Future directions and clinical implications

Given the magnitude of families affected by cancer, it is critical for research to focus on identifying the risk and protective factors for family resilience to help families heal and strengthen. This study highlights the need for interventions to be multi-targeted in supporting parents to communicate and build resources both within and outside the family. This will inform more targeted interventions and the provision of support to not only the patient, but their family system [16].

Future research is needed to explore the importance of vulnerable communication within a family system in the context of a parental cancer diagnosis.

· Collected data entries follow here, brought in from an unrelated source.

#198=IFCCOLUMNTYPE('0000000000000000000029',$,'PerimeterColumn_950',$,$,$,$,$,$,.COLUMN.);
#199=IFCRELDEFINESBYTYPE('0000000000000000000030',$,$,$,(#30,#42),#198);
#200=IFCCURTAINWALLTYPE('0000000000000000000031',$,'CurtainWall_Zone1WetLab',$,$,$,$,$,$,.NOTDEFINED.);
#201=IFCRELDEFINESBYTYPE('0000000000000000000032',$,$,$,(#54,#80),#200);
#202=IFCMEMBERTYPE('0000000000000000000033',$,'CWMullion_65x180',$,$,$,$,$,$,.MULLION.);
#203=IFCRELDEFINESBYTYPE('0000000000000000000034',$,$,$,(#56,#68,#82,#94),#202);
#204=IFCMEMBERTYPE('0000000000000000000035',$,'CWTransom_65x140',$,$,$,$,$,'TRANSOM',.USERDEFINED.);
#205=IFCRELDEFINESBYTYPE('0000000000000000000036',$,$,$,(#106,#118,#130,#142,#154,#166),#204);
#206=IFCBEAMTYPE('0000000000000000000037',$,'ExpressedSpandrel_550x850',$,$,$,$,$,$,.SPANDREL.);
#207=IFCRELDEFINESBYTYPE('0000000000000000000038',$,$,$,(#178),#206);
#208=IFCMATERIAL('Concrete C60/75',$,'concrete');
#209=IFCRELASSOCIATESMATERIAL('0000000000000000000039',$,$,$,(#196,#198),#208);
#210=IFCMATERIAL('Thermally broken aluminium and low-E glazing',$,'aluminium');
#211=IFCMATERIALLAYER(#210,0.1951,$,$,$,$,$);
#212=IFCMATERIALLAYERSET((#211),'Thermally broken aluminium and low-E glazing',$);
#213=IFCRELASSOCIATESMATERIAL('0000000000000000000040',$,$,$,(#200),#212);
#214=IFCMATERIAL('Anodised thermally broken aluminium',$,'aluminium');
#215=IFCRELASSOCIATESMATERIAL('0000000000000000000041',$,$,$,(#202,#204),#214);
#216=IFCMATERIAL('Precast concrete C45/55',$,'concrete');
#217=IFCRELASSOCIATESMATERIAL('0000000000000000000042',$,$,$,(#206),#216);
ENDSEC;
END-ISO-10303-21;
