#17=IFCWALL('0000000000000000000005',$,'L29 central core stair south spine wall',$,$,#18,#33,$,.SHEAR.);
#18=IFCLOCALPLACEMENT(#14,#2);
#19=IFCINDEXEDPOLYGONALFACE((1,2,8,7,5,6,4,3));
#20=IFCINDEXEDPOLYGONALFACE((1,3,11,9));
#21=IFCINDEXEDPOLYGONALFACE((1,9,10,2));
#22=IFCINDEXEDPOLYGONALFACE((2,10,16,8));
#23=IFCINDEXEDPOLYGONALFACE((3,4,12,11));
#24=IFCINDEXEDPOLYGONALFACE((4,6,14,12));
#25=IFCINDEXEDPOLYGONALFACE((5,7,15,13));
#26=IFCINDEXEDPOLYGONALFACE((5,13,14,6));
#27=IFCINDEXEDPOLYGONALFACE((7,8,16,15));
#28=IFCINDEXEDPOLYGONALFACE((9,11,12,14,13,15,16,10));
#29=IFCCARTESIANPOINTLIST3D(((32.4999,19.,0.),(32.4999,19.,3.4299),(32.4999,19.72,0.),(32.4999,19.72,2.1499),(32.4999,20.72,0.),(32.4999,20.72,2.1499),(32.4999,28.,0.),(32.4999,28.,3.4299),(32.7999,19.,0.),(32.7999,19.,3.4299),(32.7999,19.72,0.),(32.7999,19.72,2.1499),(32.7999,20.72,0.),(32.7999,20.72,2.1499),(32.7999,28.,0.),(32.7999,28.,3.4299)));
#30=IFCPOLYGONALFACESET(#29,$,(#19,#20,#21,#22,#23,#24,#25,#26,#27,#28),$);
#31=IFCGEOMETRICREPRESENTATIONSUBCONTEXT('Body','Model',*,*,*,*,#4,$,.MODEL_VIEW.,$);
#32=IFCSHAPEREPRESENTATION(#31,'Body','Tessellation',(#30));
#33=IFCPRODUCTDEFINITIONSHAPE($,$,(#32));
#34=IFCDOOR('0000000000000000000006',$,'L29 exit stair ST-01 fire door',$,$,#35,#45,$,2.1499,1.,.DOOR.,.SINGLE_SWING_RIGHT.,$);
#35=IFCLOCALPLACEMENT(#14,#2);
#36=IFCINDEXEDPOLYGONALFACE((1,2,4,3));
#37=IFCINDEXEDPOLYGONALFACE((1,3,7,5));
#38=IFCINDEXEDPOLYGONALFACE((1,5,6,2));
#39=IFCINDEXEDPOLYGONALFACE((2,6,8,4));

For example, there is a need for further research to better understand whether vulnerable communication may act as a moderator in resilience and adjustment in their own or their partner’s cancer diagnosis and treatment. Furthermore, expanding the participant group to include a more diverse group of parents, and qualitative studies with a longitudinal design has scope to inform ways to address the diverse challenges faced by parents living with cancer or a partner with cancer.

Conclusion

This study revealed that family resilience is enhanced when parents effectively leverage internal and external resources in confronting significant challenges. Three key factors contributing to family resilience include adaptability to role and routine changes, open family communication, and the acceptance of support from others. Despite acknowledged limitations, the study accomplished its primary objective of investigating the experiences and resources that sustain families facing a parental cancer diagnosis. The need for further research focusing on parents experiencing cancer across various stages of their journey is emphasised. This includes exploring moderators and mediators of family resilience to enable targeted and comprehensive interventions that meet the needs of parents living with cancer and their partners to promote family resilience amid adversity.